1. ЖИВОТНОЕ. Животные в литературе похожи больше на геральдических, чем на настоящих. ‘Благодарный’ лев, ‘умная’ и ‘верная’ собака, даже ‘верный’ лебедь Лоэнгрина, ‘эгоистическая’ кошка, ‘лукавая’ лисица и т. д. Мы приписываем животным человеческие свойства. Душевная жизнь нормального (взрослого) человека есть поток апперцепций, т. е. представлений, истолковываемых в свете всей массы предыдущих представлений. Ее основа — память, порождающая время (‘реальную длительность’, как говорит Бергсон). Животное ни о чем не помнит, т. е. никак не связывает представлений, т. е. живет без времени — как мы во сне. Каштанка очень быстро и бесследно забыла и сапожника, и Федюшку. Увидев их в цирке, она реагирует на привычное раздражение с неудержимой силой привычного рефлекса, не ослабленного несуществующим для нее временем (ничего не помня — в нашем смысле слова, животное ничего и не забывает — в нашем же смысле слова), и вот уже только что пережитая жизнь у нового хозяина выпадает из ее сознания, как из нашего — сон после пробуждения. Каштанка — первая в мировой литературе подлинная собака (только Киплинг приближается к этому).
2. ДИТЯ. Детство Толстого, Руссо, Диккенса, Доде, описанное Толстым, Руссо, Диккенсом, Доде, — это потерянный рай взрослого Толстого, Руссо и т. д. Взрослый человек видит себя в детстве самим собою, только ‘невиннее’, ‘наивнее’, ‘чище’. Литературный ребенок — двойник ‘доброго дикаря’ философов Просвещения, ‘совесть’ взрослого человека, как ‘добрый дикарь’, ‘сын природы’ — совесть европейца. У Достоевского ‘детки’ к тому же еще ‘с надрывом’ и любят заглядывать в ‘бездны’ — несносная фальшь, которой, однако, не замечают: ибо детей мы знаем так же мало, как и зверей. Ребенок Чехова (как много Чехов писал о детях!) походит больше на Каштанку, нежели на авторов ‘Исповеди’, ‘Детства и отрочества’ или ‘Давида Копперфильда’. Его интеллект в зачаточном состоянии, он мало помнит и скоро забывает, он живет реакциями на внешние раздражения, вне времени, без времени. Как чеховские звери, так и чеховские дети необыкновенно привлекательны, хотя они лишены всех тех качеств, которыми их обычно снабжают писатели: лучшее доказательство безусловной правдивости изображения. Это — настоящие дети. И опять-таки: только некоторые англосаксы, тот же Киплинг, Марк Твен, приближаются в этом отношении к Чехову.

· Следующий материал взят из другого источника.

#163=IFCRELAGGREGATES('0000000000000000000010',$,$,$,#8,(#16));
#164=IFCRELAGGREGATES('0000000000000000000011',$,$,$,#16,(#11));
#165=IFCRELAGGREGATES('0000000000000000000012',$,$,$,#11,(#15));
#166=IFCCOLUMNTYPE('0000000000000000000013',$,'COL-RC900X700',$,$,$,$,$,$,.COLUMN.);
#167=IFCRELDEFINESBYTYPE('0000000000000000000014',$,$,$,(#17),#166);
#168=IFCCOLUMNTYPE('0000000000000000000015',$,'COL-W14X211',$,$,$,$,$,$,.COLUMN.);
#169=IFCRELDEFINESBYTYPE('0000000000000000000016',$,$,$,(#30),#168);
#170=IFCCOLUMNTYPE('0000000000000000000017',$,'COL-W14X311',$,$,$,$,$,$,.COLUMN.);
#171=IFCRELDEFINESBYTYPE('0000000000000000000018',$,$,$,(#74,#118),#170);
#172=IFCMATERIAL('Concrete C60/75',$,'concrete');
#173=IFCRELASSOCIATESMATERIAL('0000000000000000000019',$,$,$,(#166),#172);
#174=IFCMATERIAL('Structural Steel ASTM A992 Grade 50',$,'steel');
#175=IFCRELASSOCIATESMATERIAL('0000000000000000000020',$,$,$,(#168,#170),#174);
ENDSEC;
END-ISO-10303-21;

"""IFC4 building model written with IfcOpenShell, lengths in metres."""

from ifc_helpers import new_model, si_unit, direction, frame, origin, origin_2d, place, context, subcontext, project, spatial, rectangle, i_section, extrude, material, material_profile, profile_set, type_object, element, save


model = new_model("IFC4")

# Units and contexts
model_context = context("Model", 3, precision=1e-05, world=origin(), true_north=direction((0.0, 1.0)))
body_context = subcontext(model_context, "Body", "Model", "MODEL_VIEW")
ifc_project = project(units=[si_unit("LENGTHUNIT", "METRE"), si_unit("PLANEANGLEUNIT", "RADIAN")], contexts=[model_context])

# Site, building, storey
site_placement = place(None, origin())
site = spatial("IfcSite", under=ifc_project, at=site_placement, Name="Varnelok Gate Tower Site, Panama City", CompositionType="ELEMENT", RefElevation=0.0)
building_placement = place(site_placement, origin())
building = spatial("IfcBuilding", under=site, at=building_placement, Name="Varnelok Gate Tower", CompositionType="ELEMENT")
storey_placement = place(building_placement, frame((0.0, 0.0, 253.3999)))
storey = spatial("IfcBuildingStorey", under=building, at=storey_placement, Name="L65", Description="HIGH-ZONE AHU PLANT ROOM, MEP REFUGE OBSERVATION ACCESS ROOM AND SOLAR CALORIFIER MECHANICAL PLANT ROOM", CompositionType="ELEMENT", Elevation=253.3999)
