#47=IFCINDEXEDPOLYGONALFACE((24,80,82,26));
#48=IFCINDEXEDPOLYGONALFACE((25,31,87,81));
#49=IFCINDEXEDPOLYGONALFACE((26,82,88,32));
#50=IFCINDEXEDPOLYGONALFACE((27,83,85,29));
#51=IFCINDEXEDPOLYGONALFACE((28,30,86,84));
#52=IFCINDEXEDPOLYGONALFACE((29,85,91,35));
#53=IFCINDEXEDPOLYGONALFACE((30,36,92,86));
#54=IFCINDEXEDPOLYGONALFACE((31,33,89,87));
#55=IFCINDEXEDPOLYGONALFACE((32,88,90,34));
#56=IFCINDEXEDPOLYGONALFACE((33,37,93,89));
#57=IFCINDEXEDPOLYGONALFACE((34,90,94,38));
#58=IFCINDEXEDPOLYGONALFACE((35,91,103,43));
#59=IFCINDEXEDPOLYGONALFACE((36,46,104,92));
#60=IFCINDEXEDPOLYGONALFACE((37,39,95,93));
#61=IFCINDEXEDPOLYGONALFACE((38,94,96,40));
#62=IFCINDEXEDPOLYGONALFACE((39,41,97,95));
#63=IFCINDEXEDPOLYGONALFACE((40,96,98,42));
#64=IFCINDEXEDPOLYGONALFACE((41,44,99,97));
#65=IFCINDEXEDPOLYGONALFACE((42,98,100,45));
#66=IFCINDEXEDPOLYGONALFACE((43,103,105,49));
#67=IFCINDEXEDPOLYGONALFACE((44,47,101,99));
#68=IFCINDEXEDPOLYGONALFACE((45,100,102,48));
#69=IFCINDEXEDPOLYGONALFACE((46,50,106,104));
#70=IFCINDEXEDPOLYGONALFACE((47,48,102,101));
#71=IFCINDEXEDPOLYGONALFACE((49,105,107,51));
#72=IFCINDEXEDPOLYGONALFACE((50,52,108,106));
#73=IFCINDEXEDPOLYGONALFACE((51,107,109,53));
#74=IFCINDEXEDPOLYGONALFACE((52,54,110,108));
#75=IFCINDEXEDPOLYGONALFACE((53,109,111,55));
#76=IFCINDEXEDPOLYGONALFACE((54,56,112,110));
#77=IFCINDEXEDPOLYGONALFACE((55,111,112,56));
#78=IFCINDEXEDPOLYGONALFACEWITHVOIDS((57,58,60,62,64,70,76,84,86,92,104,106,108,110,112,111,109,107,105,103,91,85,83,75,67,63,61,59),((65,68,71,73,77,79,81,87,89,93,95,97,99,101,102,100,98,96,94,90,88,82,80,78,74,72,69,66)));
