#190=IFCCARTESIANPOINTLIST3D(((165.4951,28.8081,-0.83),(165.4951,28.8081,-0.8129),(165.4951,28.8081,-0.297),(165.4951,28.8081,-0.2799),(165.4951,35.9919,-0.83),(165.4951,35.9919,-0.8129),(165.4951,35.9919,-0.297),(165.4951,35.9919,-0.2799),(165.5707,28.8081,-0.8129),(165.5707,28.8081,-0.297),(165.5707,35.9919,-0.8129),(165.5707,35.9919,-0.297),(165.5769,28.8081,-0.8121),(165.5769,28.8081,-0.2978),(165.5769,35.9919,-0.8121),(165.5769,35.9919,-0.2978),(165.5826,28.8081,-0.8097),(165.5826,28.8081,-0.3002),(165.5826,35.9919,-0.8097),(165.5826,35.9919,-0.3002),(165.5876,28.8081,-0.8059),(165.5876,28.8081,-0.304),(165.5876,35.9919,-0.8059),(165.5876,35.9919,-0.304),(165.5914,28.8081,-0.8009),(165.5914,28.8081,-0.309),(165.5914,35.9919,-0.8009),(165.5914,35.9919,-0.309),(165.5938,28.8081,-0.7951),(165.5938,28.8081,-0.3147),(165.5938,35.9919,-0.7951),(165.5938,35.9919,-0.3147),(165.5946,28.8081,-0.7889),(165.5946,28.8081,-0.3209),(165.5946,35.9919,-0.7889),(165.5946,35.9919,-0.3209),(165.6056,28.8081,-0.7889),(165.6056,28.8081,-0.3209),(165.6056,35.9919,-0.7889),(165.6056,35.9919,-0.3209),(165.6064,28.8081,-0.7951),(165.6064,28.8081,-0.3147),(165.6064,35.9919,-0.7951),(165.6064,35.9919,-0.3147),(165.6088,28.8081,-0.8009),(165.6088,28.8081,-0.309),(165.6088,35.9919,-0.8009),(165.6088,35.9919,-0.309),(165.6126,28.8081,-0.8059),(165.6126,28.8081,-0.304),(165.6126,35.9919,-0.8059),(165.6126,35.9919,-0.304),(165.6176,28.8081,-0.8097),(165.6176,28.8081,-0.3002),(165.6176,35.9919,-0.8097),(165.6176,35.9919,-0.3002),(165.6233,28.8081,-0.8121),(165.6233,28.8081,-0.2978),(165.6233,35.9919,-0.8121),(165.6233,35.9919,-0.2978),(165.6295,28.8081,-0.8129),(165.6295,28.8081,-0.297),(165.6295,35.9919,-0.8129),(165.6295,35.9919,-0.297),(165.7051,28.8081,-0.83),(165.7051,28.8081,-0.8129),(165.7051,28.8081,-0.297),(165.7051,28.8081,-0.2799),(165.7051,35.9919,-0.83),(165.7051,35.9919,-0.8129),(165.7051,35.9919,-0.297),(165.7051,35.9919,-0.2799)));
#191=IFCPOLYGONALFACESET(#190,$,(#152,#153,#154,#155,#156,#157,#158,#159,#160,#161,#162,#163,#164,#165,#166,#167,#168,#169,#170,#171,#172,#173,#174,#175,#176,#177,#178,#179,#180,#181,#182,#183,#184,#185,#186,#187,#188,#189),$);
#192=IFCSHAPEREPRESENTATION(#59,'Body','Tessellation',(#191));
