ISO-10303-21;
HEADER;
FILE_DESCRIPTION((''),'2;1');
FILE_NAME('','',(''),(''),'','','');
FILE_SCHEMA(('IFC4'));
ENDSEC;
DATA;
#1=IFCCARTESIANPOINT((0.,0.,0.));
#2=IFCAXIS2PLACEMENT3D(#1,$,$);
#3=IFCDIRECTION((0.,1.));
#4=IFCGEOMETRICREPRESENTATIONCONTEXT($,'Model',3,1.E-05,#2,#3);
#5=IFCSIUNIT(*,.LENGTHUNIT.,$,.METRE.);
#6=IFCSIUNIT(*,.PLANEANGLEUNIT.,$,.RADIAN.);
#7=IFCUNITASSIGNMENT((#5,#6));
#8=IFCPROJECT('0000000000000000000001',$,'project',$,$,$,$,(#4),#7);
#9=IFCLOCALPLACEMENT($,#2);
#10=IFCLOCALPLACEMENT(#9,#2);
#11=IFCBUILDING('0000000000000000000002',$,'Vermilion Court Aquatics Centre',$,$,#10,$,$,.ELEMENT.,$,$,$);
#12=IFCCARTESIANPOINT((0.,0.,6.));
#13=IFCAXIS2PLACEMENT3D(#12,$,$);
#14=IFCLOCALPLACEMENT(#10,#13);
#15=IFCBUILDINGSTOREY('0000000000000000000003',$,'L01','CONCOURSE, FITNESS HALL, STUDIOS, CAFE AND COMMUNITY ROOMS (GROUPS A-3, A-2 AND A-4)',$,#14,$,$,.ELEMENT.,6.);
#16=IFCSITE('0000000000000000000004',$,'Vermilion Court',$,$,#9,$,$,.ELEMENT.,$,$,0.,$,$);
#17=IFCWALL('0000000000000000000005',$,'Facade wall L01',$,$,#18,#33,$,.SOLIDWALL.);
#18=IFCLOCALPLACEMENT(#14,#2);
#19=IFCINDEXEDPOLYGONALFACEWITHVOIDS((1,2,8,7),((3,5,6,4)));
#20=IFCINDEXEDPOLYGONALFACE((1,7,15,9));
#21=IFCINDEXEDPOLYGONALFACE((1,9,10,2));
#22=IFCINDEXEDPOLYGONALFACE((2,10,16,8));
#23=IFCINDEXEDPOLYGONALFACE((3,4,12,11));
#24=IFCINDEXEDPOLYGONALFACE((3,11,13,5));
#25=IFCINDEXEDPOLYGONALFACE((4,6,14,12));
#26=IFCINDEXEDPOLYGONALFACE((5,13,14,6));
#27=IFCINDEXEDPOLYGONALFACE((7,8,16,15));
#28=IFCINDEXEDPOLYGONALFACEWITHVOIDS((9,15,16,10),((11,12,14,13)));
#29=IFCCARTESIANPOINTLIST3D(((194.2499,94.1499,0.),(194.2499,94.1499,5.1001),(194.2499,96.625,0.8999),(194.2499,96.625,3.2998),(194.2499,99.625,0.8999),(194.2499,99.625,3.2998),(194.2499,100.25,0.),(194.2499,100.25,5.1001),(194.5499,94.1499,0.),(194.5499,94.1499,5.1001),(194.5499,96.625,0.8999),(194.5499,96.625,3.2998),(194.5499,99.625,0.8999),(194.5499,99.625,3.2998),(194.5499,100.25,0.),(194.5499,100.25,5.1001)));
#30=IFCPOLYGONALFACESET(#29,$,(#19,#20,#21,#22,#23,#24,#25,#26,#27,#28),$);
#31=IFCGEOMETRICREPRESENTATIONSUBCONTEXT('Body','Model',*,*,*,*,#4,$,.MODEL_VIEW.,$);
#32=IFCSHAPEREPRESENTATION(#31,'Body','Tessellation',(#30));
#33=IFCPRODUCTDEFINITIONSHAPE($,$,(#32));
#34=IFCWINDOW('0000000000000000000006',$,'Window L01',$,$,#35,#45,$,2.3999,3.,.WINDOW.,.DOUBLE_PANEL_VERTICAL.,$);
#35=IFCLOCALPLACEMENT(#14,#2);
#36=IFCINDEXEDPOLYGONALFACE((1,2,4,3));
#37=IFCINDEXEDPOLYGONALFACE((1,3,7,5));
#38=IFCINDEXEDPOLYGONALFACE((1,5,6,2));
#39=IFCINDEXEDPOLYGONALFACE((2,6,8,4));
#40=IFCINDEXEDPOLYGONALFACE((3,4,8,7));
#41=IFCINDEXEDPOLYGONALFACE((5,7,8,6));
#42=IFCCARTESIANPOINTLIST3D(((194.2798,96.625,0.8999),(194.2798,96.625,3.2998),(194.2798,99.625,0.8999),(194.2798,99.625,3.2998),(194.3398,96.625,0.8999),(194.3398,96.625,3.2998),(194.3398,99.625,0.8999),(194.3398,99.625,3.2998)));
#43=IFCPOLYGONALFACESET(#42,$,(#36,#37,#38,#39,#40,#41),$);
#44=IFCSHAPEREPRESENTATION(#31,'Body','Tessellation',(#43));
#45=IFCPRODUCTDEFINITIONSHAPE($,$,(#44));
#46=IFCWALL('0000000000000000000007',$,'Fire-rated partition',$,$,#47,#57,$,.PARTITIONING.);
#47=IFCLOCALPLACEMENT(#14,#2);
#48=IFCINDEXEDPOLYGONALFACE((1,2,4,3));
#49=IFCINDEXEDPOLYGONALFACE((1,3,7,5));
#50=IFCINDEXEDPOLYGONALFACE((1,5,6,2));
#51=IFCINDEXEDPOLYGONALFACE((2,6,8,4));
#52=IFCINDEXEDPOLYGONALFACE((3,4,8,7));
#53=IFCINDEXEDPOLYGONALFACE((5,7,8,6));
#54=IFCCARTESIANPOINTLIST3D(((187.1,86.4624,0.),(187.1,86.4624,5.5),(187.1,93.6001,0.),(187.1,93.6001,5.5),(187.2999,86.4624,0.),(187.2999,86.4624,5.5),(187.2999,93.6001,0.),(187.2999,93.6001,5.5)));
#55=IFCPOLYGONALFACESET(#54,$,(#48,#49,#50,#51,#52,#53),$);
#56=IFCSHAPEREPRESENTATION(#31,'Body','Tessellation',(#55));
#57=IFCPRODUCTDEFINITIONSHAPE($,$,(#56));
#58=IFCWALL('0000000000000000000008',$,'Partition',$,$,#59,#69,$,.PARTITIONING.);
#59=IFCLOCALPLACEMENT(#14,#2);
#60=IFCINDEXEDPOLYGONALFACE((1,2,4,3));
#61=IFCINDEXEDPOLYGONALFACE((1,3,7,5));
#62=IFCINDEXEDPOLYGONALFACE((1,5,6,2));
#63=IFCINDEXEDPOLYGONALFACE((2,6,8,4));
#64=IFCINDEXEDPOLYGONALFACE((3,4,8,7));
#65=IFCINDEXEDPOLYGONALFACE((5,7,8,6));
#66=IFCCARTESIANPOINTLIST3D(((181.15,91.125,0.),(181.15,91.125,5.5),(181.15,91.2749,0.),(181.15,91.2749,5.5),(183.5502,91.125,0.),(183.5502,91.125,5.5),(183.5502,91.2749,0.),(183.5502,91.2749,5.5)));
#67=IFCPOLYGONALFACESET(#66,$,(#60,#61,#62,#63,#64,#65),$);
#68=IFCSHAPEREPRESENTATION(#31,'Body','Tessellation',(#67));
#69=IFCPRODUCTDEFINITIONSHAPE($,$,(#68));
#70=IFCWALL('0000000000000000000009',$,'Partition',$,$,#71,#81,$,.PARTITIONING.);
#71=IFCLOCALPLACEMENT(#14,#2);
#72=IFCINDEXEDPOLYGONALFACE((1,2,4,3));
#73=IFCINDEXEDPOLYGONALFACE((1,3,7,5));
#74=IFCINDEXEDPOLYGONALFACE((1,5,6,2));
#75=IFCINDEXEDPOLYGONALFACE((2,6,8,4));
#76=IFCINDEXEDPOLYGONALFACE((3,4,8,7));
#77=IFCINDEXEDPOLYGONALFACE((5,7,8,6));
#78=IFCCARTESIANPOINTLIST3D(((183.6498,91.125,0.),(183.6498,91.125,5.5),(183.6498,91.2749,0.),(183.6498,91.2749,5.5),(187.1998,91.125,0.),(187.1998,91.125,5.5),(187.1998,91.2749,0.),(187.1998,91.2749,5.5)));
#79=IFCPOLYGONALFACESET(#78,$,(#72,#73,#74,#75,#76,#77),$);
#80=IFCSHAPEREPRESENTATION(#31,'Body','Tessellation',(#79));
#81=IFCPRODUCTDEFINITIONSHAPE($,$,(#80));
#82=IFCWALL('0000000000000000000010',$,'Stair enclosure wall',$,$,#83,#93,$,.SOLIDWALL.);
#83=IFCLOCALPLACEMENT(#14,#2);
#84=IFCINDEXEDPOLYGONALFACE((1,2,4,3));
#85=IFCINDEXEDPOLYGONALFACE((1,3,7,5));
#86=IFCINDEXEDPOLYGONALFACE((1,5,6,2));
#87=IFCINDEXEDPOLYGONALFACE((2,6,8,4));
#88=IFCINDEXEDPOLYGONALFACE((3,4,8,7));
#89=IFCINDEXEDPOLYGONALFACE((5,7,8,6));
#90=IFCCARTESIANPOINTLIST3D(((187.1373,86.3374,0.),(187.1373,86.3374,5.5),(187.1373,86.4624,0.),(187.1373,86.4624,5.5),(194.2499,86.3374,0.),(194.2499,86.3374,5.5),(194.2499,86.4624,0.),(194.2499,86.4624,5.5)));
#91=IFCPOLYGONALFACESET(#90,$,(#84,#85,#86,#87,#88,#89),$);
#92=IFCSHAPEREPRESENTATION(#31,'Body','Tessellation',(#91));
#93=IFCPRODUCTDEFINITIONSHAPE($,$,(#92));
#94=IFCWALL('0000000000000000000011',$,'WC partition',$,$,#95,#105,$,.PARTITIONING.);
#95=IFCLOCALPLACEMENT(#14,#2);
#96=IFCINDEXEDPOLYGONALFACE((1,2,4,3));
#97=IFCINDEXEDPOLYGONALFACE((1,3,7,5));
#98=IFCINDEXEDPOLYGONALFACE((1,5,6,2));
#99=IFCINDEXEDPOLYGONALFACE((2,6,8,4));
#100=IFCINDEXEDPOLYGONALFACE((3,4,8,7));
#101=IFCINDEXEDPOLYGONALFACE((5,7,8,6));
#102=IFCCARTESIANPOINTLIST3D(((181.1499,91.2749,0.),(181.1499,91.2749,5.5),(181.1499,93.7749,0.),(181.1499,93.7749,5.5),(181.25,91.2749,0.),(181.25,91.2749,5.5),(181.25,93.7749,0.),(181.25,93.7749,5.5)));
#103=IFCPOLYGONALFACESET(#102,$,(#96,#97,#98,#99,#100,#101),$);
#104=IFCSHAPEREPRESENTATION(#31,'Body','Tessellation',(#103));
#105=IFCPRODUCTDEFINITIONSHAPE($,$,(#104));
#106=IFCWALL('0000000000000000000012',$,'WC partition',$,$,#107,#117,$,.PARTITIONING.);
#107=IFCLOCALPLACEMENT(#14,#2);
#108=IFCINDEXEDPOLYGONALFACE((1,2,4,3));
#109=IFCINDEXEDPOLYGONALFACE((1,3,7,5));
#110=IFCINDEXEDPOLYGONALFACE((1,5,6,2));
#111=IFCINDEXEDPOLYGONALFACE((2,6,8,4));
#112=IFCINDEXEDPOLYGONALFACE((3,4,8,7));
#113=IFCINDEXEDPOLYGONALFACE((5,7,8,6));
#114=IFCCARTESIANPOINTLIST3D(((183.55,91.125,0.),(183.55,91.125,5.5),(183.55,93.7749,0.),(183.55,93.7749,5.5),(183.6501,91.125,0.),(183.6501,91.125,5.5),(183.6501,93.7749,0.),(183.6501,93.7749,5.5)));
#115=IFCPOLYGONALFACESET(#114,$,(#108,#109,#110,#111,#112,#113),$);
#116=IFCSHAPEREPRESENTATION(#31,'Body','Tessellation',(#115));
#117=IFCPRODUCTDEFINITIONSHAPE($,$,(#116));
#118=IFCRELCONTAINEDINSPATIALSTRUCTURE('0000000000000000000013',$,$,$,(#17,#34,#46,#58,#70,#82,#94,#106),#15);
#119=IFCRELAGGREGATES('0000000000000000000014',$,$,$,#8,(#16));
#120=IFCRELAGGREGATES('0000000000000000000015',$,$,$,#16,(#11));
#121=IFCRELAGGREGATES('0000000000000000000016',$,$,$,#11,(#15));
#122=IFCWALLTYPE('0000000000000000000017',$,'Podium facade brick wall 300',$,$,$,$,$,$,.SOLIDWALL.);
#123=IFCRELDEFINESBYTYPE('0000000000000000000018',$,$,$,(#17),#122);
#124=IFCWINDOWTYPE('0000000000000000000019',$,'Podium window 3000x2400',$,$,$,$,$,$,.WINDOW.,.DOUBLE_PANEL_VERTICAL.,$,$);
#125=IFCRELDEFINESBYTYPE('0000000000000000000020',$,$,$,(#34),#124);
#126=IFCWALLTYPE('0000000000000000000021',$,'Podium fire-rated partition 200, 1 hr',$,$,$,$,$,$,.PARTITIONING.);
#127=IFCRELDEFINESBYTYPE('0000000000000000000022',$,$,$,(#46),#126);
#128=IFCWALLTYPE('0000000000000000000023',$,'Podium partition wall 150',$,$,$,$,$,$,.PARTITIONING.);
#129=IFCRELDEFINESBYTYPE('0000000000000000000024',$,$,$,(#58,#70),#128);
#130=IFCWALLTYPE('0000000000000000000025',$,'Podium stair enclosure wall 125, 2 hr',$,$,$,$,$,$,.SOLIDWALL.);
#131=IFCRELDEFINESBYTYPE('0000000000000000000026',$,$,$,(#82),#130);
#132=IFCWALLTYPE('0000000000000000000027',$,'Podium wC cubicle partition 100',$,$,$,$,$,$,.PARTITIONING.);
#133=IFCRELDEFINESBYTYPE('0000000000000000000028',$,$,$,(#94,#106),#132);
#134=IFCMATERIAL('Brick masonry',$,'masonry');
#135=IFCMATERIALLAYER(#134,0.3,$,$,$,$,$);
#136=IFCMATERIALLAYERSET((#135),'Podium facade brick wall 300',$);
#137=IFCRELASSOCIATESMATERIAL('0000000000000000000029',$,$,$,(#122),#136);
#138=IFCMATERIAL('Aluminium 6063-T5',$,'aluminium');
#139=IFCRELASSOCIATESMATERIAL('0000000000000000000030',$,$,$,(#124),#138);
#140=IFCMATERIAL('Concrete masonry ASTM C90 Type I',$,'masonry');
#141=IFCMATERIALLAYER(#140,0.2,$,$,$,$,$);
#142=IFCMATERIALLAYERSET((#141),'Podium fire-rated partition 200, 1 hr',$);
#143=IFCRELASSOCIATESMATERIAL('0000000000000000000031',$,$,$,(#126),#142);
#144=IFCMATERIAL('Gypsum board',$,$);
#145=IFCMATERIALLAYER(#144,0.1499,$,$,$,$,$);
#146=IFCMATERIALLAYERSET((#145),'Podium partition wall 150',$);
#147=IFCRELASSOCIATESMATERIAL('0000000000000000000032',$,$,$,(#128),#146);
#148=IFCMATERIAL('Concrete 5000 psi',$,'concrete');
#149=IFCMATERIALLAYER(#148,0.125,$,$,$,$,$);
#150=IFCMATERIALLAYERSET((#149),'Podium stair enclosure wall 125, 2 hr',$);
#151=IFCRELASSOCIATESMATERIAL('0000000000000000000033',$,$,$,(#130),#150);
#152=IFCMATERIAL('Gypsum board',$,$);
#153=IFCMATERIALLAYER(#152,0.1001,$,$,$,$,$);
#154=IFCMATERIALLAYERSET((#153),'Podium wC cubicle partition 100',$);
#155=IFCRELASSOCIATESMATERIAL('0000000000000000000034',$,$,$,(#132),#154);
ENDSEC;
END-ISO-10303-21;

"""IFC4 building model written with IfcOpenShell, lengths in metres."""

from ifc_helpers import new_model, si_unit, direction, frame, frame_2d, origin, place, context, subcontext, project, spatial, rectangle, extrude, material, layer, layer_set, type_object, element, fill, save


model = new_model("IFC4")

# Units and contexts
model_context = context("Model", 3, precision=1e-05, world=origin(), true_north=direction((0.0, 1.0)))
body_context = subcontext(model_context, "Body", "Model", "MODEL_VIEW")
ifc_project = project(units=[si_unit("LENGTHUNIT", "METRE"), si_unit("PLANEANGLEUNIT", "RADIAN")], contexts=[model_context])

# Site, building, storey
site_placement = place(None, origin())
site = spatial("IfcSite", under=ifc_project, at=site_placement, Name="Vermilion Court", CompositionType="ELEMENT", RefElevation=0.0)
building_placement = place(site_placement, origin())
building = spatial("IfcBuilding", under=site, at=building_placement, Name="Vermilion Court Aquatics Centre", CompositionType="ELEMENT")
storey_placement = place(building_placement, frame((0.0, 0.0, 6.0)))
storey = spatial("IfcBuildingStorey", under=building, at=storey_placement, Name="L01", Description="CONCOURSE, FITNESS HALL, STUDIOS, CAFE AND COMMUNITY ROOMS (GROUPS A-3, A-2 AND A-4)", CompositionType="ELEMENT", Elevation=6.0)

# Wall, opening, window
ifc_material_1 = material(Name="Brick masonry", Category="masonry")
ifc_layer_1 = layer(ifc_material_1, 0.3)
ifc_layer_set_1 = layer_set([ifc_layer_1], Name="Podium facade brick wall 300")
wall_type_1 = type_object("IfcWallType", Name="Podium facade brick wall 300", PredefinedType="SOLIDWALL", material=ifc_layer_set_1)
wall_1_placement = place(storey_placement, frame((194.3999, 94.1499, 0.0), z_axis=(0.0, 0.0, 1.0), x_axis=(0.0, 1.0, 0.0)))
wall_1 = element("IfcWall", 1, at=wall_1_placement, inside=storey, type_object=wall_type_1, Name="Facade wall L01", PredefinedType="SOLIDWALL", context=body_context, shape_type="SweptSolid", body=[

3. УЧЕНЫЙ. Подобно животному или дитяти, и ученый изображается в литературе согласно с общепринятыми представлениями, т. е. совершенно ложными. Как ‘средний’ взрослый человек не может себе представить, что такое душевная жизнь без интеллекта, так он не представляет себе и душевной жизни при повышенном интеллекте. Недостаток представления заменяется фантазиями. Ученый в литературе это — или великий гений, который проводит время среди своих ‘колб’ и ‘реторт’, погруженный в ‘фолианты’ (книги в 8-ю или в 16-ю долю листа ниже его достоинства), он знает ‘все’ и открыл что-то такое, что перевернет мир вверх дном, или — идиотический педант, буквоед, а нередко притом и шарлатан. Но всегда и во всех случаях он ничего не смыслит в ‘жизни’, невинен в этом отношении, ‘как младенец’, или просто ‘глупо наивен’ и ‘легендарно’ рассеян. Чеховский профессор из ‘Скучной истории’ отличается от всех прочих профессоров в литературе как раз тем, что он, напротив, разбирается в ‘жизни’ так же хорошо, как в науке, ибо применяет к ней те же самые приемы мышления. Именно потому, что он видит ‘жизнь’ лучше других, он в жизни так одинок духовно. Чехов был сам прикосновен к науке (только очень ученый врач мог бы написать ‘Палату No 6’). Он сам наблюдал жизнь как ученый, добросовестно, методически проверяя себя. Его ‘открытие’ ребенка, животного, ученого — подлинные научные открытия, и притом такие, которые имеют отношение к основной проблеме, в которую обязательно упирается всякий истинный, т. е. критически относящийся к тому, что составляет его силу, ученый: к проблеме интеллекта.
4. ЖЕНЩИНА. (…Das ewig Weibliche zieht uns hinan…). Проблема ‘чистой’ женщины, женщины как носительницы ‘вечно женственного’, у Чехова является отчасти также одной стороной основной проблемы: интеллекта. Чеховская ‘чистая’ женщина это — ‘душечка’ Оленька. Подобно Каштанке, подобно любому чеховскому ребенку, она — лишена интеллекта. Он бы ей только мешал осуществить призвание ‘чистой’ женщины. Как ребенок, как животное, она только отзывается на внешние впечатления. Но, в отличие от ребенка, от животного, она отзывается на них не постольку и не так, поскольку и как это нужно ей как особи, а в зависимости от своей потребности любить, отдаваться, служить людям. На первый взгляд она напоминает Наташу у Толстого. Но опять-таки: Наташа отдается Пьеру, делает своими, ничего в них не понимая, его убеждения потому, что Пьер отец ее детей, что, служа ему, она служит ‘роду’. Наташа — ‘самка’, как ее называет Толстой. Если она любит бескорыстно, то инстинкт ее ‘заинтересован’. Толстой-философ ‘осмысляет’ и тем развенчивает любовь. ‘Душечка’ — это глубоко символично — не имеет детей. Она служит любви для любви. Она — святая.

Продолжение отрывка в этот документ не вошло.